The Sophists, who were professional educators, introduced a form of higher education whose commercial success attested to and was promoted by its social utility and practical efficacy. They inaugurated the literary genre of the public lecture, which was to experience a long popularity. It was a teaching process that was oriented in an entirely realistic direction, education for political participation. The Sophists pretended neither to transmit nor to seek for the truth concerning man or existence; they offered simply an art of success in political life, which meant, above all, being able on every occasion to make one’s point of view prevail. Two principal disciplines constituted the program: the art of logical argument, or dialectic, and the art of persuasive speaking, or rhetoric—the two most flourishing humanistic sciences of antiquity. These disciplines the Sophists founded by distilling from experience their general principles and logical structures, thus making possible their transmission on a theoretical basis from master to pupil.
To the pedagogy of the Sophists there was opposed the activity of Socrates, who, as inheritor of the earlier aristocratic tradition, was alarmed by this radical utilitarianism. He doubted that virtue could be taught—especially for money, a degrading substance. An heir of the old sages of former times, Socrates held that the supreme ideal of man, and hence of education, was not the spirit of efficiency and power but the disinterested search for the absolute, for virtue—in short, for knowledge and understanding.
It was only at the beginning of the 4th century bce, however, that the principal types of Classical Greek higher education became organized on definitive lines. This was the result of the joint and rival efforts of two great educators: the philosopher Plato (c. 428–348/347), who opened his school—the Academy—probably in 387, and the orator Isocrates (436–338), who founded his school about 390.
PlatoPlato, marble portrait bust, from an original of the 4th century bce; in the Capitoline Museums, Rome.G. Dagli Orti—DeA Picture Library/Learning Pictures
Plato was descended from a long line of aristocrats and became the most distinguished of Socrates’ students. The indictment and execution of Socrates by what Plato considered an ignorant society turned him away from Athens and public life.

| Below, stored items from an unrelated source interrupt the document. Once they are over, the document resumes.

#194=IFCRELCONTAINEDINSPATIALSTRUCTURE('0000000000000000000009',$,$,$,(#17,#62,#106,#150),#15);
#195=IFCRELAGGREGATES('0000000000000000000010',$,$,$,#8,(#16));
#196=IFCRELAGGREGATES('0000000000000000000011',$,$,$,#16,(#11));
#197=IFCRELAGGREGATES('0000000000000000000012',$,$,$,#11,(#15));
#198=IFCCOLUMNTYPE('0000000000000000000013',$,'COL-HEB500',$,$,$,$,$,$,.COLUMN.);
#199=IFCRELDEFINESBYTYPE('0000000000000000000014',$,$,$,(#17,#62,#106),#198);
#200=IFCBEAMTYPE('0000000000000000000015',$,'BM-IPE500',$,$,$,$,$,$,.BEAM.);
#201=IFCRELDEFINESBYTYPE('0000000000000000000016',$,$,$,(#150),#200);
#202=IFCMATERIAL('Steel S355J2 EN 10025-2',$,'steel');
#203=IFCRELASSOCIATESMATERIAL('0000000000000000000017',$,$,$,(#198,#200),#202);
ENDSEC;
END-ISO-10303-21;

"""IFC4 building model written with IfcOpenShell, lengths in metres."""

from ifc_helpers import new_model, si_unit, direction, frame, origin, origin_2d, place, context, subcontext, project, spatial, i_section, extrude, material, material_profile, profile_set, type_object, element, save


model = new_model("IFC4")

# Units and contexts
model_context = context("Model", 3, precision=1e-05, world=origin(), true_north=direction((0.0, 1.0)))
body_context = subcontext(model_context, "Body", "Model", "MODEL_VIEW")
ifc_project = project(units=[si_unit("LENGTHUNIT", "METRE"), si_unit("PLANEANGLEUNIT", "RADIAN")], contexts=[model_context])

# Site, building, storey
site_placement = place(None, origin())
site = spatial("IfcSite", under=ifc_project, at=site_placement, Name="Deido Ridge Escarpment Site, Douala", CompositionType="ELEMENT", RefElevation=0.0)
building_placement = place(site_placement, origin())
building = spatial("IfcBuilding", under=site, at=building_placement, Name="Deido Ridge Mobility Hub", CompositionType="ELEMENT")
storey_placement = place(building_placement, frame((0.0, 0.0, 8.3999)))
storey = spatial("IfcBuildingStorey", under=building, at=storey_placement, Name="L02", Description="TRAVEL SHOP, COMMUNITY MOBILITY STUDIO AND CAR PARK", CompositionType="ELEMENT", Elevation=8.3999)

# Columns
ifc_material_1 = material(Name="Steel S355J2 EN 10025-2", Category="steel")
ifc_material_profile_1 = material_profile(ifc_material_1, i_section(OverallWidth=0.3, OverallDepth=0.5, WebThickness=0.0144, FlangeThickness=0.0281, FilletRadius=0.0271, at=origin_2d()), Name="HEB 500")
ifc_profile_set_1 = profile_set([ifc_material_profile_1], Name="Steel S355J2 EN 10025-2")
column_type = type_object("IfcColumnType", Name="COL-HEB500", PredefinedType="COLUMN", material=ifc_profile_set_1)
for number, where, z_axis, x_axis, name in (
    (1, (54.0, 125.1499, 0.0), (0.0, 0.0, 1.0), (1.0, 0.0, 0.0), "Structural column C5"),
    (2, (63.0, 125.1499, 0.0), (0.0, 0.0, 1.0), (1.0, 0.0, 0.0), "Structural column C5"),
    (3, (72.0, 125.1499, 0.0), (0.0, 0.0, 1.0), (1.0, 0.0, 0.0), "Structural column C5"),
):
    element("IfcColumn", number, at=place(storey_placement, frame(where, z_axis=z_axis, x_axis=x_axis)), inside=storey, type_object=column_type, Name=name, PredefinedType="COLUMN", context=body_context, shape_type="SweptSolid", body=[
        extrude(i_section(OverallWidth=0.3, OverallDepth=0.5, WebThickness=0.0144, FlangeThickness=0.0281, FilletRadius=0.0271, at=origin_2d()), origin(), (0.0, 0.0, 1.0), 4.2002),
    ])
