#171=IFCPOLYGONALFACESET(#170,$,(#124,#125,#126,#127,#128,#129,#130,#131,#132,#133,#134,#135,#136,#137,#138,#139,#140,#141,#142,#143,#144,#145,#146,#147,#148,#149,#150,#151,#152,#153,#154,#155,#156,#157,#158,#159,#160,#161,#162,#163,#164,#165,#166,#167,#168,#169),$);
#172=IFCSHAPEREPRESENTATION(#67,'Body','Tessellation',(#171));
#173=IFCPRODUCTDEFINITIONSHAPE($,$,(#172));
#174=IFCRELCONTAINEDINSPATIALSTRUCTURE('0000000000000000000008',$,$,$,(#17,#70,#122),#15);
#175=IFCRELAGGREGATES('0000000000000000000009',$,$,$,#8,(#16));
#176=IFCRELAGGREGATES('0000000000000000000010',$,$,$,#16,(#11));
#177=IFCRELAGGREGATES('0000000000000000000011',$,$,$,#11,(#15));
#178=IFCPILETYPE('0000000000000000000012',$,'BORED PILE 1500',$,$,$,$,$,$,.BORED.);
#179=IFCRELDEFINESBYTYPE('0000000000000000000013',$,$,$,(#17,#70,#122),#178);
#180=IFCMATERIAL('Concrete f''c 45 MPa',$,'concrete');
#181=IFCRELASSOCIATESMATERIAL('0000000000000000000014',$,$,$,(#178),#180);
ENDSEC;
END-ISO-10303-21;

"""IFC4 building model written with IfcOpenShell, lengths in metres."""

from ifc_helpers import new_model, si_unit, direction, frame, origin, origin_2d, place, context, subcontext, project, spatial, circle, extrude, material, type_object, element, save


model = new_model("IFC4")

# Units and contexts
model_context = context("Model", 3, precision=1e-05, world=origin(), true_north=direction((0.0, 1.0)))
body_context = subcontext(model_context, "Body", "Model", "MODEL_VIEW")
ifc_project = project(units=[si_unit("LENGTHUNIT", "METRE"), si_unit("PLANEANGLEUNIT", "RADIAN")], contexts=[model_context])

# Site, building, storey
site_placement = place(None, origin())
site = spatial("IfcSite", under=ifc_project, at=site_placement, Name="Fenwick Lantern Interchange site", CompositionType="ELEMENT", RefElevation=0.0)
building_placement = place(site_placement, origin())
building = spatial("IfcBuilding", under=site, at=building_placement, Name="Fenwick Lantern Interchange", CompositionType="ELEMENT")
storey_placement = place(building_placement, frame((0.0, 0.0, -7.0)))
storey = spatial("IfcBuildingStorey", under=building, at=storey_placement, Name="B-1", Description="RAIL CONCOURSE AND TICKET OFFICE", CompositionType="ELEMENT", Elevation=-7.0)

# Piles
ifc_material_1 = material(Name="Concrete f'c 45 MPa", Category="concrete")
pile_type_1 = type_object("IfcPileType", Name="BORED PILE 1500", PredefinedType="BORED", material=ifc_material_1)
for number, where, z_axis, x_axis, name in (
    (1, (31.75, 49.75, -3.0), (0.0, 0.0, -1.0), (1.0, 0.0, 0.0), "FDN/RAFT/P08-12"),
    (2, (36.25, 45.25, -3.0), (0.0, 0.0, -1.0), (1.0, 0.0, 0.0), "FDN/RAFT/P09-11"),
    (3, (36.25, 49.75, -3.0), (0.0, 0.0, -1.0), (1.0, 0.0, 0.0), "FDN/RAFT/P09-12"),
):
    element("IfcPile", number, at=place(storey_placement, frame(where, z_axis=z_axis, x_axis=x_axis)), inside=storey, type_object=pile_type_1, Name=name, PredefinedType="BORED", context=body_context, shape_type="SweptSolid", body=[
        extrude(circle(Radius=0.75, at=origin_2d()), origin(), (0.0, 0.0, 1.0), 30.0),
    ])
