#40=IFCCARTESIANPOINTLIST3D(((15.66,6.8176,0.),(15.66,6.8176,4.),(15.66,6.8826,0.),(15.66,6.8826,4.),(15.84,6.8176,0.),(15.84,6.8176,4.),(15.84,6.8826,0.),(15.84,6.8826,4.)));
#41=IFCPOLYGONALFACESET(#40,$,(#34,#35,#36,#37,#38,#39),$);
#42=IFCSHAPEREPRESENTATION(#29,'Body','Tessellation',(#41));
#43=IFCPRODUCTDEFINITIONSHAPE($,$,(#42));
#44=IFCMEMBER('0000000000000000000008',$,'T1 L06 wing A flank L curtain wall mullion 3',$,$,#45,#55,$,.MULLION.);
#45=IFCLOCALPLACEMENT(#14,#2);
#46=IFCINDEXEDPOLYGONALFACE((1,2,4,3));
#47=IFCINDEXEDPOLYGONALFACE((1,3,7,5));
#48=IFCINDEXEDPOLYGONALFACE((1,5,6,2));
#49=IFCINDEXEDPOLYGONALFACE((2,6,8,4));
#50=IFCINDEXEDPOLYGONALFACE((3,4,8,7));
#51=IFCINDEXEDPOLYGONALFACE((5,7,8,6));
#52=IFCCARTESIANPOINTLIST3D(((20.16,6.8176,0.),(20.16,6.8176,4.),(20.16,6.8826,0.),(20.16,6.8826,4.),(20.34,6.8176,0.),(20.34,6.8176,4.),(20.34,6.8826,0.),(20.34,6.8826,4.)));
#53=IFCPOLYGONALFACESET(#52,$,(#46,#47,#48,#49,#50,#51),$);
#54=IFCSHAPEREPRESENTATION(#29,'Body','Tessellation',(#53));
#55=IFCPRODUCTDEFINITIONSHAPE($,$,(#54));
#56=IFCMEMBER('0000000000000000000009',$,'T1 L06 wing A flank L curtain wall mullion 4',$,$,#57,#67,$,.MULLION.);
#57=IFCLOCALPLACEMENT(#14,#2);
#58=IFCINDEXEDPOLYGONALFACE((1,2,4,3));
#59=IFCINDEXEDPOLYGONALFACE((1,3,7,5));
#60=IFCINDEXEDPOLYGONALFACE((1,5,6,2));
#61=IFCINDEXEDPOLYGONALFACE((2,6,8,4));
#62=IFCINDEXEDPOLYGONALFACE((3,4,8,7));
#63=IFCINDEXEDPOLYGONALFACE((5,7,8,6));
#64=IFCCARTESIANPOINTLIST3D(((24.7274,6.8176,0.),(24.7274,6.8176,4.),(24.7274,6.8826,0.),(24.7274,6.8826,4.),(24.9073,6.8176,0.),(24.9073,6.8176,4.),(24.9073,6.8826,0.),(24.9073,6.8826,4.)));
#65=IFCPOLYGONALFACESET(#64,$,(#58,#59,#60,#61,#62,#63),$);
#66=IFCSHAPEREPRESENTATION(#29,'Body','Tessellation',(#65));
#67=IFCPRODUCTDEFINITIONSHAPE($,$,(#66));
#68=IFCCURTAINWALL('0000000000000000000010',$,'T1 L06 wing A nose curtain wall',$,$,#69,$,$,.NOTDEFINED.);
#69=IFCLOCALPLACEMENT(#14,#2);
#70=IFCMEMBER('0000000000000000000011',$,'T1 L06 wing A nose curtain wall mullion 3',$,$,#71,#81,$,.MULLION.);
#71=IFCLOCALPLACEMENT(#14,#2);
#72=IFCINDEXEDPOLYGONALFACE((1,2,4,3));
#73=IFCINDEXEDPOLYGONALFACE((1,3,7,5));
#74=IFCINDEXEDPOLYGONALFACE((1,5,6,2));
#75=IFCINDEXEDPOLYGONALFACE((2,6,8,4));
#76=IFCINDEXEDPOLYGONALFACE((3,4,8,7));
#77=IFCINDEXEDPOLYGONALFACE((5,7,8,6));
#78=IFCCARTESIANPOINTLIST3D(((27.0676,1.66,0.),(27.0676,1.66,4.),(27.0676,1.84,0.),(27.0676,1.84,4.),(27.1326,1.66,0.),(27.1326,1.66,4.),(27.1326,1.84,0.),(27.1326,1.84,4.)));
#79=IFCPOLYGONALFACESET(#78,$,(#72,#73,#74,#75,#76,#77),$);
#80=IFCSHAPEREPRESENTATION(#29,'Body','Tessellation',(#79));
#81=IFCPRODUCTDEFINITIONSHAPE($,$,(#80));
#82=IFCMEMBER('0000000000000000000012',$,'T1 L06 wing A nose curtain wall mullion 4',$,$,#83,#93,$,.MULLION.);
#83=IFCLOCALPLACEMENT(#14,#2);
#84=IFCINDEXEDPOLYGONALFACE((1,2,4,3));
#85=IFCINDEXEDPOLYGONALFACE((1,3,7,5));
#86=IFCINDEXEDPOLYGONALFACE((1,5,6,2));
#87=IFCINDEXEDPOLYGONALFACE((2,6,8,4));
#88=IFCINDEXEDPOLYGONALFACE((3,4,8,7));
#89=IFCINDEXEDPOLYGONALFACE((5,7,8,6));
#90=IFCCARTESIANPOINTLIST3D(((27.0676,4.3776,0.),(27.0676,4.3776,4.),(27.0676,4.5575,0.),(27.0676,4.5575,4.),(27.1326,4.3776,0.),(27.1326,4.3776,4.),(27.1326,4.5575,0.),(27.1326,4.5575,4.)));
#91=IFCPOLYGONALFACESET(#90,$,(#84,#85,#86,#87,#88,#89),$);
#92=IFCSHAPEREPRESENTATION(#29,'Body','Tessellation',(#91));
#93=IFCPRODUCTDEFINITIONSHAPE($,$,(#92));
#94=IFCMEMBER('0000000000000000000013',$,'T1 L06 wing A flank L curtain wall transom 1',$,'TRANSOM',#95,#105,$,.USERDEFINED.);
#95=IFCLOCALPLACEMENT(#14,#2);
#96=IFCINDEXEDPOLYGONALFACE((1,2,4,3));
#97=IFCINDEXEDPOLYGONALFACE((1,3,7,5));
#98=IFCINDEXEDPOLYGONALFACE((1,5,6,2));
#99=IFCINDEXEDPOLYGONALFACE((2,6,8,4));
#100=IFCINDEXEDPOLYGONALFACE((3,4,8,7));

After an absence of some 10 years, spent traveling the Mediterranean, he returned to Athens, where he founded a school near the grove dedicated to the early hero Acadēmos and hence known as the Academy. The select band of scholars who gathered there engaged in philosophical disputations in preparation for their role as leaders. Good government, Plato believed, would only come from an educated society in which kings are philosophers and philosophers are kings.

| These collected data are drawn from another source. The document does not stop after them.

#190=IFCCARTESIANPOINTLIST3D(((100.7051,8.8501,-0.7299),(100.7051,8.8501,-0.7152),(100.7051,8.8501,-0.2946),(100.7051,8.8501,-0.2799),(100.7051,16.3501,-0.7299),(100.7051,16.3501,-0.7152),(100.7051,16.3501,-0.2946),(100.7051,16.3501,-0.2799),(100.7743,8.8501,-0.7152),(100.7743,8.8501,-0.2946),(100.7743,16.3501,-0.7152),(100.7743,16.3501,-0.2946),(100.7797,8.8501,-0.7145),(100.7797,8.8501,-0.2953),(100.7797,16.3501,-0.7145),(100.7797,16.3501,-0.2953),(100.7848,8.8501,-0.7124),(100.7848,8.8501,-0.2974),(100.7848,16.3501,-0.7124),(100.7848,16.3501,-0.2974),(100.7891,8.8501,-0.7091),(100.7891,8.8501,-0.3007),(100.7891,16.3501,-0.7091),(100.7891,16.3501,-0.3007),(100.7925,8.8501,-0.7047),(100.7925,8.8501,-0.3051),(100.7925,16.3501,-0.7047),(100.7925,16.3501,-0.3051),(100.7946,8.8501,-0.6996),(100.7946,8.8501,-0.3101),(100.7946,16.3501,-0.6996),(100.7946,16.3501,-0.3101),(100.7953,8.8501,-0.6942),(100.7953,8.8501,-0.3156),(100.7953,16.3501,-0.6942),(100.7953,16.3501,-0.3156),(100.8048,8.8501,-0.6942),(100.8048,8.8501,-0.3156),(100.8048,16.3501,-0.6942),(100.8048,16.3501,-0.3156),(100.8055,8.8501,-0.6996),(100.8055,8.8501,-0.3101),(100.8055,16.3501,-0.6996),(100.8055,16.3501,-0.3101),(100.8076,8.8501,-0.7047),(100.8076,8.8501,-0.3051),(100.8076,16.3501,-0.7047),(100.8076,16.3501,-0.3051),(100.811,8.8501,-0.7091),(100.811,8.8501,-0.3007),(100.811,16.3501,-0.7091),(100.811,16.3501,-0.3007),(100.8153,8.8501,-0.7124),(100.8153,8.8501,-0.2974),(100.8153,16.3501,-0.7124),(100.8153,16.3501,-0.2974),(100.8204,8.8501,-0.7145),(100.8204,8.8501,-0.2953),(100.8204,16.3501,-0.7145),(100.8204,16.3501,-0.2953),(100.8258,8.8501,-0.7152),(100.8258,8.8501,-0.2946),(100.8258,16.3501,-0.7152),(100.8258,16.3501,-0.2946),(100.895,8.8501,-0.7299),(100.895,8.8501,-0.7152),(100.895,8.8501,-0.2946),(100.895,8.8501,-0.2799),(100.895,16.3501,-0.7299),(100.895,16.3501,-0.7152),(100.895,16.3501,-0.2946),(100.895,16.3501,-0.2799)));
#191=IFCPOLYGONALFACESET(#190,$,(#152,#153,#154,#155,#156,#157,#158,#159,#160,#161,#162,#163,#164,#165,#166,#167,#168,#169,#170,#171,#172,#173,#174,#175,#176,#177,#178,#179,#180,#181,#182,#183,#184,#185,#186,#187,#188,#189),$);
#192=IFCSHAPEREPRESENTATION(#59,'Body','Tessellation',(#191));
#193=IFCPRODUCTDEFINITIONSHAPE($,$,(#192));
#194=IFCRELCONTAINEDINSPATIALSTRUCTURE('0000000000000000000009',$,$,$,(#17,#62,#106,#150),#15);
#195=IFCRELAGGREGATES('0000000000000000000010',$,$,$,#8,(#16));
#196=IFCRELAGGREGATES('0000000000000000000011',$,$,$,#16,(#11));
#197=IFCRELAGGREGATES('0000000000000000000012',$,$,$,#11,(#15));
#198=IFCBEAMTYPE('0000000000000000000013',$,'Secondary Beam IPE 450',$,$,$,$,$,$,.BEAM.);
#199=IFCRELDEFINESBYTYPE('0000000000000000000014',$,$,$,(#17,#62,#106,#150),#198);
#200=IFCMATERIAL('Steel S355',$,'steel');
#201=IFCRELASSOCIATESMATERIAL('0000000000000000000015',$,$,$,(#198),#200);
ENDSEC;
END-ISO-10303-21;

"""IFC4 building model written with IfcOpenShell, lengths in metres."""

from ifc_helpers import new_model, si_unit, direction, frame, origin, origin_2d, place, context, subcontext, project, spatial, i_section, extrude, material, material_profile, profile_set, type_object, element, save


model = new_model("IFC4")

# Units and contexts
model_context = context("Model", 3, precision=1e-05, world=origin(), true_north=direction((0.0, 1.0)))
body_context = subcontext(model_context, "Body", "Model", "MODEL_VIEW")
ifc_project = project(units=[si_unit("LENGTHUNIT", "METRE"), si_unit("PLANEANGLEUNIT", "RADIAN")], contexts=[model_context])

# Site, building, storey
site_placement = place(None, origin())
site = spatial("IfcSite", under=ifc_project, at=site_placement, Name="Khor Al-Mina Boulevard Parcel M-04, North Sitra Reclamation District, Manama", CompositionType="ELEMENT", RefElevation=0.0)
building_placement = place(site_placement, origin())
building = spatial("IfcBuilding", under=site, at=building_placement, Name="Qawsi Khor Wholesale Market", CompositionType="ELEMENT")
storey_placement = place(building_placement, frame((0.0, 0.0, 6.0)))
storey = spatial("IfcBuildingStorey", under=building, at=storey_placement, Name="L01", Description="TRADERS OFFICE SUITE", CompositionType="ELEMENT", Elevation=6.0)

Plato’s literary dialogues provide a comprehensive picture of his approach to education. Basically, it was built around the study of dialectic (the skill of accurate verbal reasoning), the proper pursuit of which, he believed, enables misconceptions and confusions to be stripped away and the nature of underlying truth to be established. The ultimate educational quest, as revealed in the dialogues, is the search for the Good—that is, the ultimate idea that binds together all earthly existence.